Principalmente a descoberta de pessoas inimagináveis, sensíveis, pelo método mais gélido possível: a internet, de uma forma geral, foi o veículo para me levar e buscar dos lugares mais inusitados com pessoas que aparentemente eram robôs carinhosos pra mim. Virei até amiga e conselheira de alguns. Coisa fantástica essa tecnologia que nem existia, quando nasci...
Mas só para variar, essa tecnologia a qual demorei tanto a me render também trouxe de volta rostos e corpos que eu não esperava encontrar de novo nessa encarnação, ao menos. Chegamos a prometer um bailinho entre os amigos de colégio que há muito, estavam afastados. Coisa de louco.
Na família, teve viagem longa de mamãe (um mês sem ela foi muito trash!), babado, confusão, doença, as usual. Perdi pessoas queridas. Mas é o reflexo do tempo implacável que faz a gente perecer sem muita piedade. Seja para sofrer, seja para assistir sofrimento.
E para amenizá-lo, uma ótima viagem de férias, a descoberta de um spa para desintoxicar o corpo e a cabeça e shows. Muitos shows. Acho que nunca fui em tantos em um só ano. E cada um com uma experiência, um momento de choro, outro de euforia, e muitas, muitas histórias pra contar. De Amy Winehouse a Stevie Wonder, muitos dos meus sonhos musicais viraram uma realidade lindamente melódica, no decorrer dos meses.
Vi crianças serem geradas e nascerem, antes do ano virar. Dei um milhão de primeiros brinquinhos para as muitas meninas que vieram, uma loucura. Até comecei a especular a geração de uma, para o ano que nasce. Quem sabe?

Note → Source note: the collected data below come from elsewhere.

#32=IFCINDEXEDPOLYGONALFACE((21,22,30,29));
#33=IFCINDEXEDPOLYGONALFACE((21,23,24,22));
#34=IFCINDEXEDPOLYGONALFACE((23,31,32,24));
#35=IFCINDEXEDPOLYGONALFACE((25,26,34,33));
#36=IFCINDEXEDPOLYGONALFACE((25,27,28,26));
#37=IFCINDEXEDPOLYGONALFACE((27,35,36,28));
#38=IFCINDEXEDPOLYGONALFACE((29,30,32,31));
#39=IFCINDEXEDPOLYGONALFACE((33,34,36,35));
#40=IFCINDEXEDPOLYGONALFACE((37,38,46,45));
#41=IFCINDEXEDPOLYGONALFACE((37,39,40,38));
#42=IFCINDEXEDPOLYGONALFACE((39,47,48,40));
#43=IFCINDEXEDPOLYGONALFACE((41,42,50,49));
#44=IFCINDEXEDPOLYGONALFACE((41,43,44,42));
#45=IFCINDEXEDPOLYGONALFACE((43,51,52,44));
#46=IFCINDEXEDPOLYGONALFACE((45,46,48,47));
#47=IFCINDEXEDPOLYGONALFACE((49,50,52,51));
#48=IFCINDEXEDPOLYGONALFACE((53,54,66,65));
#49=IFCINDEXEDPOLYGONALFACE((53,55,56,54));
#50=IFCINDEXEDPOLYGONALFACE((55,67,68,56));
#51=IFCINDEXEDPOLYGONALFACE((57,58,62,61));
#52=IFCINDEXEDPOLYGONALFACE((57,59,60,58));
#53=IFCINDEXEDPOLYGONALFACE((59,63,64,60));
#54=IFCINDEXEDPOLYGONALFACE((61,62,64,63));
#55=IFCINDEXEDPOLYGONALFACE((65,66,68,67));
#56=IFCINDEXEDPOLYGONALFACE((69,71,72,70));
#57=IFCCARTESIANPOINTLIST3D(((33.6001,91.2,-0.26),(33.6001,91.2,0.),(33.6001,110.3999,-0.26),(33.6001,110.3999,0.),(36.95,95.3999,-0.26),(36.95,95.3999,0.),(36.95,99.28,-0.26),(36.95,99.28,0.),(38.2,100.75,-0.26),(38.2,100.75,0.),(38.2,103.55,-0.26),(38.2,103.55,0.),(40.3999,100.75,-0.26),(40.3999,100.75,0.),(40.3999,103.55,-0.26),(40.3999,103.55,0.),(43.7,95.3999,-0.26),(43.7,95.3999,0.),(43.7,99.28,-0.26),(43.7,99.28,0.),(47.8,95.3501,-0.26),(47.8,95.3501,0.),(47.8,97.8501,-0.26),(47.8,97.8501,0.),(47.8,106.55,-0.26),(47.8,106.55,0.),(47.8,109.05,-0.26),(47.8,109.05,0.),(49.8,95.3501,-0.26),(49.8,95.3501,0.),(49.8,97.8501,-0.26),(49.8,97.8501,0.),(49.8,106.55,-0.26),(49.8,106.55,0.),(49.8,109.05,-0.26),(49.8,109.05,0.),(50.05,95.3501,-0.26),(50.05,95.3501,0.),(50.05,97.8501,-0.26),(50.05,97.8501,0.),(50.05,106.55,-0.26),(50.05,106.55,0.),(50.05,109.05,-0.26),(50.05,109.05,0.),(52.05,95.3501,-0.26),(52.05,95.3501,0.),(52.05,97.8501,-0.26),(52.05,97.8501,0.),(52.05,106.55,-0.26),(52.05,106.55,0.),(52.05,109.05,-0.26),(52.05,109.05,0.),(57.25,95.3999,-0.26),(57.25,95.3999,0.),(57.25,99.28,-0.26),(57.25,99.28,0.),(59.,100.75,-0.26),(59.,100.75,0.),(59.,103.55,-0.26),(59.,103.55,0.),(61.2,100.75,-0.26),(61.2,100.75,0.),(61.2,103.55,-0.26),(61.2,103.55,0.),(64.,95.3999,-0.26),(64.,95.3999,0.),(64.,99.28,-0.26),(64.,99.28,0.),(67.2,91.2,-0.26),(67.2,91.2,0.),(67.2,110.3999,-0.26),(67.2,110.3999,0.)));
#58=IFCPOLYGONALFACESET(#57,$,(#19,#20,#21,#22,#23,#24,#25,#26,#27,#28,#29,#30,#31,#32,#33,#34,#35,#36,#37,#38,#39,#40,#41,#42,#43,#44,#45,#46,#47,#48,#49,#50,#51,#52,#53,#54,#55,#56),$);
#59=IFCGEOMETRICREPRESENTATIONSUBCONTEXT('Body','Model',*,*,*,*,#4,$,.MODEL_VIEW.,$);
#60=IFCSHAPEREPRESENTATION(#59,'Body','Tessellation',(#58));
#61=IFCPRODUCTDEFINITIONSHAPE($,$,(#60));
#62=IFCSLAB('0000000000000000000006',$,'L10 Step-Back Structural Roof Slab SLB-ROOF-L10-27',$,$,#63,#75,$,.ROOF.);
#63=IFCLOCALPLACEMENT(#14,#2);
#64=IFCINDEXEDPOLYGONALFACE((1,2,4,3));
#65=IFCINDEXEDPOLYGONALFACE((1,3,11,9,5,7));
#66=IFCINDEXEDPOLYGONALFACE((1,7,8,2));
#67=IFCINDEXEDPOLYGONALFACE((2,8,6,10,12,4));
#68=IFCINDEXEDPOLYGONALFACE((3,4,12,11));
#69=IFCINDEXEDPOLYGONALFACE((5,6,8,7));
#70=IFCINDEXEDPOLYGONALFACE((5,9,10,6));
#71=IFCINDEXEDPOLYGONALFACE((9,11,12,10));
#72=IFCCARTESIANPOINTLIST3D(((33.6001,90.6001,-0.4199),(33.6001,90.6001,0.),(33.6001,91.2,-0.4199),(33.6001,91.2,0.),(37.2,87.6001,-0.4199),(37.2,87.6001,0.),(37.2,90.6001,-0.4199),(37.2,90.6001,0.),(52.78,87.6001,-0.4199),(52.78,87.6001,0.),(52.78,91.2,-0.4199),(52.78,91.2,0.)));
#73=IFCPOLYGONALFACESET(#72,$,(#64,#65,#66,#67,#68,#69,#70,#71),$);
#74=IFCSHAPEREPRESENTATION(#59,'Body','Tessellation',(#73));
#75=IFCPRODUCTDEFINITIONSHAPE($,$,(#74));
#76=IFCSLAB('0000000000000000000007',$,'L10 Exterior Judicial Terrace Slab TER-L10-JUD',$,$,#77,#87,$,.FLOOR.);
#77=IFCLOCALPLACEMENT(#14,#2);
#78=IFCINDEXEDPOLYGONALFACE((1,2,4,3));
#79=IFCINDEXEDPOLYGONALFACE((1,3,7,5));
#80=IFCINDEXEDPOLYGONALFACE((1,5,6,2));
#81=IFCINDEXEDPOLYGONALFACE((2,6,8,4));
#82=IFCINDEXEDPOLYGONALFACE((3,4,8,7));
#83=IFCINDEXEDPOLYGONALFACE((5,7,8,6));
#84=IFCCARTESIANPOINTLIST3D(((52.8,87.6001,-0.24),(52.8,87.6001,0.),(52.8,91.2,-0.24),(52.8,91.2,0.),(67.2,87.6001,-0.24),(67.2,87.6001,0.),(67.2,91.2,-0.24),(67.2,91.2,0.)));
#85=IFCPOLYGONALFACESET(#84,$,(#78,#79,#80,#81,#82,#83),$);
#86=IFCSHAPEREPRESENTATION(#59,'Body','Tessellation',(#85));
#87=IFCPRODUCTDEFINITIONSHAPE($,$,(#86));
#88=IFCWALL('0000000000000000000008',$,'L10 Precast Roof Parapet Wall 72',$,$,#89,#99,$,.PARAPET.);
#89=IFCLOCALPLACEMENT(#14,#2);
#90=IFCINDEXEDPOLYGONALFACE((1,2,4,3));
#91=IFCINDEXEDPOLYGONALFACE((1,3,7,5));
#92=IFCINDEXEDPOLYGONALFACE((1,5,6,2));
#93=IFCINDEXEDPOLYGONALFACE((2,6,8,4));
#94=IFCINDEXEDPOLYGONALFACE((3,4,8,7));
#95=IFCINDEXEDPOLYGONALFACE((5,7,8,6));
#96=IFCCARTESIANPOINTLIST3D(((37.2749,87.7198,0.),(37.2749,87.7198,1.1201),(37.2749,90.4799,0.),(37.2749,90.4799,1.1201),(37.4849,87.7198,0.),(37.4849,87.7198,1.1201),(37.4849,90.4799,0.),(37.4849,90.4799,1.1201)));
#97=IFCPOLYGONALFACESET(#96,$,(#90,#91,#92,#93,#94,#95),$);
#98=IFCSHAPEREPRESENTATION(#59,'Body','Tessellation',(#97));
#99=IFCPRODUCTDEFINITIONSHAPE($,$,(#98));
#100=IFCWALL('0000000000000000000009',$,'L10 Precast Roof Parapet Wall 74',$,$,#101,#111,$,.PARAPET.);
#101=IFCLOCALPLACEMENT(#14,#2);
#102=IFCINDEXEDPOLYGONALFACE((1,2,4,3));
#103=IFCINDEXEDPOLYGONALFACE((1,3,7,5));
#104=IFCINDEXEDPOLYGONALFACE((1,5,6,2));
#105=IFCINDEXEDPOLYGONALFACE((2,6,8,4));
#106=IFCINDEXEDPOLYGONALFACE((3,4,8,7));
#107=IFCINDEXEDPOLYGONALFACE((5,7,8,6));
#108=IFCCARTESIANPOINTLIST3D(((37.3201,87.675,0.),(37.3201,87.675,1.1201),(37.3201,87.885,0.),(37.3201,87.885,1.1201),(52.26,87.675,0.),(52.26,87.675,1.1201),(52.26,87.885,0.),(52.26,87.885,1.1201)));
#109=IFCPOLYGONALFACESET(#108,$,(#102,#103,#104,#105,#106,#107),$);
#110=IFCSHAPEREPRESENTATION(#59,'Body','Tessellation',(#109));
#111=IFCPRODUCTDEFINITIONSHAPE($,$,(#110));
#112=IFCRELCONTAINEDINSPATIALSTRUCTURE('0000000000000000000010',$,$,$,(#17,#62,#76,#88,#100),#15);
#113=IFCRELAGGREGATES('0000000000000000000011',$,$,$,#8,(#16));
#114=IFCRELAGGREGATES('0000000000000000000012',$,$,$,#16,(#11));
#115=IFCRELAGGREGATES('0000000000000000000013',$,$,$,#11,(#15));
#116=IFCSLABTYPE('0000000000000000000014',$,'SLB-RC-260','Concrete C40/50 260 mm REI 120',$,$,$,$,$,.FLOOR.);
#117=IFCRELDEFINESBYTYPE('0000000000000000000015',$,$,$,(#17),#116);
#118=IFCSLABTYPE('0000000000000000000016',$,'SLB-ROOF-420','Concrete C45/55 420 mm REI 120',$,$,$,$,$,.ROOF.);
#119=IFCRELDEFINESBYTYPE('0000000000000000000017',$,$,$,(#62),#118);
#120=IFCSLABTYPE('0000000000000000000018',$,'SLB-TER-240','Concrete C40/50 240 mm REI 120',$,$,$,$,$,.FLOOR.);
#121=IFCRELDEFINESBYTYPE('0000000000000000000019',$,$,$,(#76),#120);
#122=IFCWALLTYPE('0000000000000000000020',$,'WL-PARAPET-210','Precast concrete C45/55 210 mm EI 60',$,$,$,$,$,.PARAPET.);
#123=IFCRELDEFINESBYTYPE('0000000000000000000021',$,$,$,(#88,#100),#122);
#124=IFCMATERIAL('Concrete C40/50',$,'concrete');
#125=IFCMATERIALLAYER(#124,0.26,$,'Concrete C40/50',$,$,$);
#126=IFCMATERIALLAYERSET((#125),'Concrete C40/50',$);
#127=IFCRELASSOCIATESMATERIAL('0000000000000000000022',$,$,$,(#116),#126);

Tentei, juro, fazer o bem. Doei, emprestei, dei, entendi, compreendi, escutei, falei, agi. Até ajudei amiga a tentar se arrumar em barcas anunciadamente furadas, como se estivesse fazendo o cupido em 1990. Mas tudo por amor, tudo na confiança de fazer o melhor por ela. Por elas.
Passei muito tempo no computador e menos caminhando. Foda. Mas acho que é a rotina de quase todo mundo também. Comi coisas incríveis, descobri novos gostos, apurei meu paladar pra coisas que não fossem só servidas em espeto na churrascaria. E foi bacana até.
Bati o carro. Consertei o carro. Gastei muito dinheiro. Guardei um pouquinho depois. Li muito. Vi muita novela. Ouvi música todo dia. Comemorei o Corinthians campeão, torci com o Santos no final com o marido, e passei mais um ano descobrindo que sim, o futebol é paixão, e não só entretenimento. Ao menos, pra mim.
Mas no fim das contas, meu saldo deve ser bom. Porque amei muito. Incondicionalmente. Como só uma Juliana como eu consegue. E quando eu falo de amor, não é só o sexual. Falo de paixão na vida, nas coisas, na tolerância que eu procurei trabalhar pra viver melhor e mais intensamente. E na magnitude que existe em exercer essa função, sem olhar muito bem a quem, nem como. E me sentir realizada até mesmo no momento de meus atos exagerados, das minhas vontades exacerbadas.
No fundo, eu só queria rir e fazer rir. Acho que consegui. Afinal, sempre é tempo para descobertas. Até as imperfeitas. Como eu sou.